# Off Grid Well-help me think outside the box



## WaterWorks (Oct 8, 2012)

Hello!

We are trying to solve an energy issue on our homestead. We are off-grid and desperately trying to end our generator use. The issue we haven't soled is with our well.

The well is 286 feet deep! 5 inch diameter to 278 feet. Static water level is 227 feet. Submersible pump is .75 HP and 220V. 

We've looked at a solar pump but the well company discouraged us. They are friends and have seen several solar pumps that haven't been able
To function consistently. A battery system is a ridiculous waste. What are we missing? We have a pressure tank but are open to a cistern system. But how would we power the pump to fill the cistern? Could we use a solar system separate from our house system, that only runs in peak sun? 

Thanks for any ideas!


----------



## ||Downhome|| (Jan 12, 2009)

check out engineer775 on you tube hes has a lot of videos dealing with well and such.


----------



## TnAndy (Sep 15, 2005)

Since you're off grid, what are you using for electrical power now ?

On the well, you could use a Grunfos type SQ pump that runs off DC in combination with a few solar panels. ( number of panel watts depends on depth, how much water you want to pump per minute, etc ) 

When the sun shines, the pump runs. Then you have to store it in a tank for use later. 

IF you can elevate the tank 50-80' above where you want to use the water, ( like a tank house up on a hill.....that's the way mine works ), that will give you enough pressure. 

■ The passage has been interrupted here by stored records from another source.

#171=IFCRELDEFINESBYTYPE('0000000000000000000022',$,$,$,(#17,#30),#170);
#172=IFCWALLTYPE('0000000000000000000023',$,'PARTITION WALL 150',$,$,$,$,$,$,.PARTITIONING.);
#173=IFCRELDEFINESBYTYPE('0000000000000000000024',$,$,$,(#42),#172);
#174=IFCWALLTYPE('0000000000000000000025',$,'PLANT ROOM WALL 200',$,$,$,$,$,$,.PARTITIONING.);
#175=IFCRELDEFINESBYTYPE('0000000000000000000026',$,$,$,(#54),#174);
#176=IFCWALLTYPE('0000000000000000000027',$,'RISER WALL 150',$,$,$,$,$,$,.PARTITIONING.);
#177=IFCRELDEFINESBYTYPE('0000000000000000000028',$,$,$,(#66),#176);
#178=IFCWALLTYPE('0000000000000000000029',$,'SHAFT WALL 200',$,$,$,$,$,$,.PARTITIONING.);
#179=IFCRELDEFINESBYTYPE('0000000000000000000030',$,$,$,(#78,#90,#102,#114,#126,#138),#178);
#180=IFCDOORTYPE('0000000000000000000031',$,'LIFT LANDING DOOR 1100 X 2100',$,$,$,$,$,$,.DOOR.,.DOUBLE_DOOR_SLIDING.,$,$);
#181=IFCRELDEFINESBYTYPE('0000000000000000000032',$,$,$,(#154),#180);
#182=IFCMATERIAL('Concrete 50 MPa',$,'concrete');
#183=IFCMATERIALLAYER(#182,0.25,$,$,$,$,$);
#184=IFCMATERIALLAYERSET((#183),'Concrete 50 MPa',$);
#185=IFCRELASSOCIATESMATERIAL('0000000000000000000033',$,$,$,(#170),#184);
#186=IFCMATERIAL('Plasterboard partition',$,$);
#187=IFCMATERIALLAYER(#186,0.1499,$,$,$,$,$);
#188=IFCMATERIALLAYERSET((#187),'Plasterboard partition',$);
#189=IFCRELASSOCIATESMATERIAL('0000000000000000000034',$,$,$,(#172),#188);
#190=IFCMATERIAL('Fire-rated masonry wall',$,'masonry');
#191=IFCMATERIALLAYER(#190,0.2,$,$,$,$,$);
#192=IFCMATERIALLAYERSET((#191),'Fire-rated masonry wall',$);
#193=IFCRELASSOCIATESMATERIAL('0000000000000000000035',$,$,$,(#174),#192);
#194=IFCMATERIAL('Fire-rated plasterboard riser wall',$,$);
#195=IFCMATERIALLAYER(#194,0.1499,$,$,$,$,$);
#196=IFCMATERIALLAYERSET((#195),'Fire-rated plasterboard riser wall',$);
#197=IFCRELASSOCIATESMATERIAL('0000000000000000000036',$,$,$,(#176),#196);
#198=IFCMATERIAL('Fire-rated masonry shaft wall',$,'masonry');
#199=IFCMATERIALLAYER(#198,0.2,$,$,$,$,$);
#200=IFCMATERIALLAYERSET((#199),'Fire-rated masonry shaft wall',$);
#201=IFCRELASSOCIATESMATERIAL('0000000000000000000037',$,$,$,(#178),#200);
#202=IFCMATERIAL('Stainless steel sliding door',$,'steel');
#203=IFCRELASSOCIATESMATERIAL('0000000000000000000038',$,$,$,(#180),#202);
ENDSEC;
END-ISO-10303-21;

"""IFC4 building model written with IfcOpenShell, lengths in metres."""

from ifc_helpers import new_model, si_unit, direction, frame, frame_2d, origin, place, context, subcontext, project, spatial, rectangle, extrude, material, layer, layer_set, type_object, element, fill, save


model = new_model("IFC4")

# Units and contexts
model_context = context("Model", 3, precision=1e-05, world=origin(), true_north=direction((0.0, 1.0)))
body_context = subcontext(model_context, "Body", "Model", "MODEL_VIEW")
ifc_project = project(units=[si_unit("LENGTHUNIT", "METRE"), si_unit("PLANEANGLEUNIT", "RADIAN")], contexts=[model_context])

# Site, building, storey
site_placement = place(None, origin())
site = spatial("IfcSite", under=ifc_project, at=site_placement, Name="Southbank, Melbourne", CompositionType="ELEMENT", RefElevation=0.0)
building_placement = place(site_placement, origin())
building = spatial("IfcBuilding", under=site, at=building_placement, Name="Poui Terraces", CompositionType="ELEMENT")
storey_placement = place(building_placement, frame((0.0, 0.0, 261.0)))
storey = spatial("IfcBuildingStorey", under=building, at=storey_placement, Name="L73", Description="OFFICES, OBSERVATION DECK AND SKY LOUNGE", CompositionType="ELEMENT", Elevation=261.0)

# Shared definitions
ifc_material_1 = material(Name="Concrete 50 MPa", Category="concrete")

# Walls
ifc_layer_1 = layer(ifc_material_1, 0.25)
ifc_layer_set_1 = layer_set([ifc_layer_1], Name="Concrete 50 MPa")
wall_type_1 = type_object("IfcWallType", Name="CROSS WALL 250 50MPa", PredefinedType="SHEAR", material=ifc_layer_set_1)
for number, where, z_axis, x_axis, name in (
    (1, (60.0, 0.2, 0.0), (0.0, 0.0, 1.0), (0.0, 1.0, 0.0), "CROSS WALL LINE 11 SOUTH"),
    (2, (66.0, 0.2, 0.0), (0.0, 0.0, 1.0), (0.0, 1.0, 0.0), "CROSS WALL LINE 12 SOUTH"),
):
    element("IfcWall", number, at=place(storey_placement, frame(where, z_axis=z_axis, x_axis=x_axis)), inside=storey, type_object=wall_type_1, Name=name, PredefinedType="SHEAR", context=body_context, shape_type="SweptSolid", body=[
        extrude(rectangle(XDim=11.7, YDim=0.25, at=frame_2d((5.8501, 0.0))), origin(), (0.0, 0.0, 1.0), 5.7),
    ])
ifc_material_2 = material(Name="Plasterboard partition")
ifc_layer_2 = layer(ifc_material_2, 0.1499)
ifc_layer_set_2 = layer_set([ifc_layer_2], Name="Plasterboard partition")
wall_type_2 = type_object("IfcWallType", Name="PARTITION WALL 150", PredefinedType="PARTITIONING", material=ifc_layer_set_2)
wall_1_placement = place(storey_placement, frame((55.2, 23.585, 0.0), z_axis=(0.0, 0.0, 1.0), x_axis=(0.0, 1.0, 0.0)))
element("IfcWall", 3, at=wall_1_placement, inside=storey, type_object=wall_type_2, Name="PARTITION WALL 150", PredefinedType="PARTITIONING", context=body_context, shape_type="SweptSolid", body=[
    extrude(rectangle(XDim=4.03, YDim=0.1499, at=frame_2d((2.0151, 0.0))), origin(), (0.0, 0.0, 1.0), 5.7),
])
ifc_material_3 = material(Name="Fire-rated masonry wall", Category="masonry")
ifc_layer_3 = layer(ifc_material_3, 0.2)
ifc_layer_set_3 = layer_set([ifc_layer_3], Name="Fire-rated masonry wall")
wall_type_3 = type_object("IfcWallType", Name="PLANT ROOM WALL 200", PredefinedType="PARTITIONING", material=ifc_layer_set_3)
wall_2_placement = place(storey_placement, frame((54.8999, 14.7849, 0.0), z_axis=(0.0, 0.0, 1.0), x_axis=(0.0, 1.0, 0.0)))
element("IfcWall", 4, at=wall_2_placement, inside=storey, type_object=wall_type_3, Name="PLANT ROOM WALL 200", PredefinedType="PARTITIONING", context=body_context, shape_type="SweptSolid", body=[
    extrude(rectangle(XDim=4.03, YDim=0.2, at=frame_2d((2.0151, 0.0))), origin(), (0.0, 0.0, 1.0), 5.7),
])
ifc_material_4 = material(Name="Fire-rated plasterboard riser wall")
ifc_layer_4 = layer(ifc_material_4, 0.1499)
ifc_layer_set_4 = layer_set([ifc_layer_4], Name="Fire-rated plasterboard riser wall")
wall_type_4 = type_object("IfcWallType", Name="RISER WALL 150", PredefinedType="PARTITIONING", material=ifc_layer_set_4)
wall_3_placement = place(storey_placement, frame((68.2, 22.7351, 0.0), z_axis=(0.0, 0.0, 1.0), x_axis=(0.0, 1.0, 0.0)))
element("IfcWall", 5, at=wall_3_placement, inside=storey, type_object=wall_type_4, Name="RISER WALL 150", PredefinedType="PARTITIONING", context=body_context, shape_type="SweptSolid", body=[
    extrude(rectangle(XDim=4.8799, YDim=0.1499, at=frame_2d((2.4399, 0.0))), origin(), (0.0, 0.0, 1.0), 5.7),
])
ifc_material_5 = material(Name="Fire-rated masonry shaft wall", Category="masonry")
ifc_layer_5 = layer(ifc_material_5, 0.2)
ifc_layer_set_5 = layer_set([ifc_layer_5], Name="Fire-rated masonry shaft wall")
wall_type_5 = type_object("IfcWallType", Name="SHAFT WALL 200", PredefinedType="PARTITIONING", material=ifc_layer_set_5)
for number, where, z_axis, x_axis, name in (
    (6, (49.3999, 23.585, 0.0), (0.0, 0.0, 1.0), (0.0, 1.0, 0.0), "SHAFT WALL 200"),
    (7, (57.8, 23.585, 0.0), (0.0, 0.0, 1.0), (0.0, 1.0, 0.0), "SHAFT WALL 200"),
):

Otherwise, a small booster pump/tank arrangement to pump out of a same level cistern tank can be set up to provide house pressure......but that is going to require a battery bank......not anyway around it.


----------



## ET1 SS (Oct 22, 2005)

That is pretty deep. Friends have tried to encourage us to use a DC pump that pumps continuously to an above ground cistern. So when you need water at least it is not deep.


----------



## Jim-mi (May 15, 2002)

As Andy says there are some very good pumps available that will run on PV modules.

They will seem pricy....

Friends or not, most **traditional** well company's are stuck with thinking that the old standards are the only way to go.

And how long will the generator go before it poops . . .and you have to buy another one $$$$$

Bite the bullet . .spend the bucks for a good pump, PV modules, batteries, etc and you will have life giving water for a long time............


----------



## farminghandyman (Mar 4, 2005)

If you could find a good used 10 foot wind mill if you live in a semi windy area, and pump into a cistern. 

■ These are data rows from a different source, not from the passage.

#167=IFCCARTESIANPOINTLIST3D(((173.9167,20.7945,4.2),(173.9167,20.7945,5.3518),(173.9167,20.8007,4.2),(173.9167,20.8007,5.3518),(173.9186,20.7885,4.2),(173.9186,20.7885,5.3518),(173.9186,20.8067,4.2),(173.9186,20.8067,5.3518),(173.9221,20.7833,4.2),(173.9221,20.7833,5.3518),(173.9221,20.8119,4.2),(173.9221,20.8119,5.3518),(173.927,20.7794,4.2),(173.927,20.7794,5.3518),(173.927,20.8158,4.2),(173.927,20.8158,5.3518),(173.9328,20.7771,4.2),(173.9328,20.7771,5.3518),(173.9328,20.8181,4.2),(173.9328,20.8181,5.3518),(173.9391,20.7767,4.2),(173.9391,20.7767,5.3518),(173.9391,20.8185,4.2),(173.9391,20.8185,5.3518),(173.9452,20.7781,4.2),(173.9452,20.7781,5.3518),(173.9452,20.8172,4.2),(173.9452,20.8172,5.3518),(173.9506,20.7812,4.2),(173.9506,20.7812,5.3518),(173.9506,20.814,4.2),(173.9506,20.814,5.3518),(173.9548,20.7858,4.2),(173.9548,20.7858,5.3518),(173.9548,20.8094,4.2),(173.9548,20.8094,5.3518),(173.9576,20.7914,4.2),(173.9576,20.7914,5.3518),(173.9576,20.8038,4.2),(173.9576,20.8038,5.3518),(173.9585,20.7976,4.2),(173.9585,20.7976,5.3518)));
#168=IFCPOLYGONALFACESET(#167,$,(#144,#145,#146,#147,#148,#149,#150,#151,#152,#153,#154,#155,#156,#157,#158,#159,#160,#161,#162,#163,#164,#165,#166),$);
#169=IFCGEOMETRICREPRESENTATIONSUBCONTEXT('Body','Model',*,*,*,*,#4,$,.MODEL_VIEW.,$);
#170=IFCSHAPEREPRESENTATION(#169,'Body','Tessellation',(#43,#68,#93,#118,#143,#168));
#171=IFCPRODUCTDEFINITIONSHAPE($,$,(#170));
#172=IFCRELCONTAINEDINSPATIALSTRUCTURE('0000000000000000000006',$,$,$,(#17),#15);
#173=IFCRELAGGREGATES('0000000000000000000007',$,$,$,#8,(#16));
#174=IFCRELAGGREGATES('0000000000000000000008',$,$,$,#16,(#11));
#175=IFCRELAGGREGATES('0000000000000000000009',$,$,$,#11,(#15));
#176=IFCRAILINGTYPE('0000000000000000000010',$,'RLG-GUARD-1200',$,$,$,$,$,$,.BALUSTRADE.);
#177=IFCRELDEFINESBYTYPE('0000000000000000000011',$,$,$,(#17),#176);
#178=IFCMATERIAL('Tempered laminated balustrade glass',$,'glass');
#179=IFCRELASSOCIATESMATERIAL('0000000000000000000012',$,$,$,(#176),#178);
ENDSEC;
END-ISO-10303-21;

IF you take the generator and use the present set up and pump into a cistern and fill it, that way it would be running for a time period and not just Min's, 

use the solar or battery to pump up the pressure tank, or put the cistern up on a stand and gravity feed system, 

especially if there is any other time you need generator power, and then possibly kill two birds with one stone, 

years ago I read about a family that lived off grid and they co generated using the generator
when it came wash day they would use the generator (water cooled) to heat the water for the washing, and filled the cistern and ran the washing machine, and he would use any shop tools that needs generator power during that time as well if it could be done, (the way I remember it they had a couple of wringer washers, and they would use the hot water that was heated by cooling the generator engine, for bathing as well, that day. The cistern was sized for a little more than one weeks worth of normal water needs,


----------



## PFS farmer (Sep 25, 2012)

I like the elevated cistern idea. I would use the generator to fill it then have some sort of alternative energy to refill it when it can. This way you always got water and then it can be filled when the sun is out or the wind is blowin.


----------



## TnAndy (Sep 15, 2005)

ET1 SS said:


> That is pretty deep. Friends have tried to encourage us to use a DC pump that pumps continuously to an above ground cistern. So when you need water at least it is not deep.



A Grundfos SQ3-F2 pump will deliver 500-1500 gallons/day at 390' of head, based on the amount of PV watts you supply.

These pumps will also run on AC if you wish to use a generator as backup, or grid power as primary.


----------



## K.B. (Sep 7, 2012)

if you are open to a cistern, is raincatch an option to supply some (or all) your water?

if you can divert the rainwater to a tank, using a small solar-driven pump to an uphill tank is a relatively low-power option.


----------



## wy_white_wolf (Oct 14, 2004)

Solar water pumping

You want a setup that will run solar direct and fill an elevated cistern to pressurize the house. If you can't elevate the cistern then use a second pump to pressurize the house. The battery bank for the second pump will be much smaller and the cistern acts as the battery bank for the well pump.

WWW


----------



## solidwoods (Dec 23, 2005)

If your ok with running a gen just a little bit, then set up an above ground/use gravity water system. Just run the pump to fill the tanks with water and use gravity to dispense the water. The problem becomes obtaining tanks to store a good bit of water but running a gen to run a well pump for a few minutes will pump a bunch of water.
jim


----------



## TnAndy (Sep 15, 2005)

Tractor supply sells a plastic 1500 gallon tank for about 700 bucks. I put two of them in for my storage system.

I saw a 2800 gallon tank on Craig's list yesterday for 1600 bucks.


----------



## Tarheel (Jan 24, 2010)

Like TnAndy said if you check Craigs list you can find some deals especially with winter coming on. Got this one last winter.










1600 gallons @ $400


----------



## SolarGary (Sep 8, 2005)

Think about going to a rain harvest system off the roof instead of the well?

Gary


----------



## tkrabec (Mar 12, 2003)

From the research I did a few years back, put a solar pump in the well with a linear voltage booster, then pump into a cistern. from there use an RV pump, off battery to pump the water out of the cistern to the house/hose bibs. 

When the pump has full sun it'll produce at full rate, in the morning/evening/shaded it will pump slower.


----------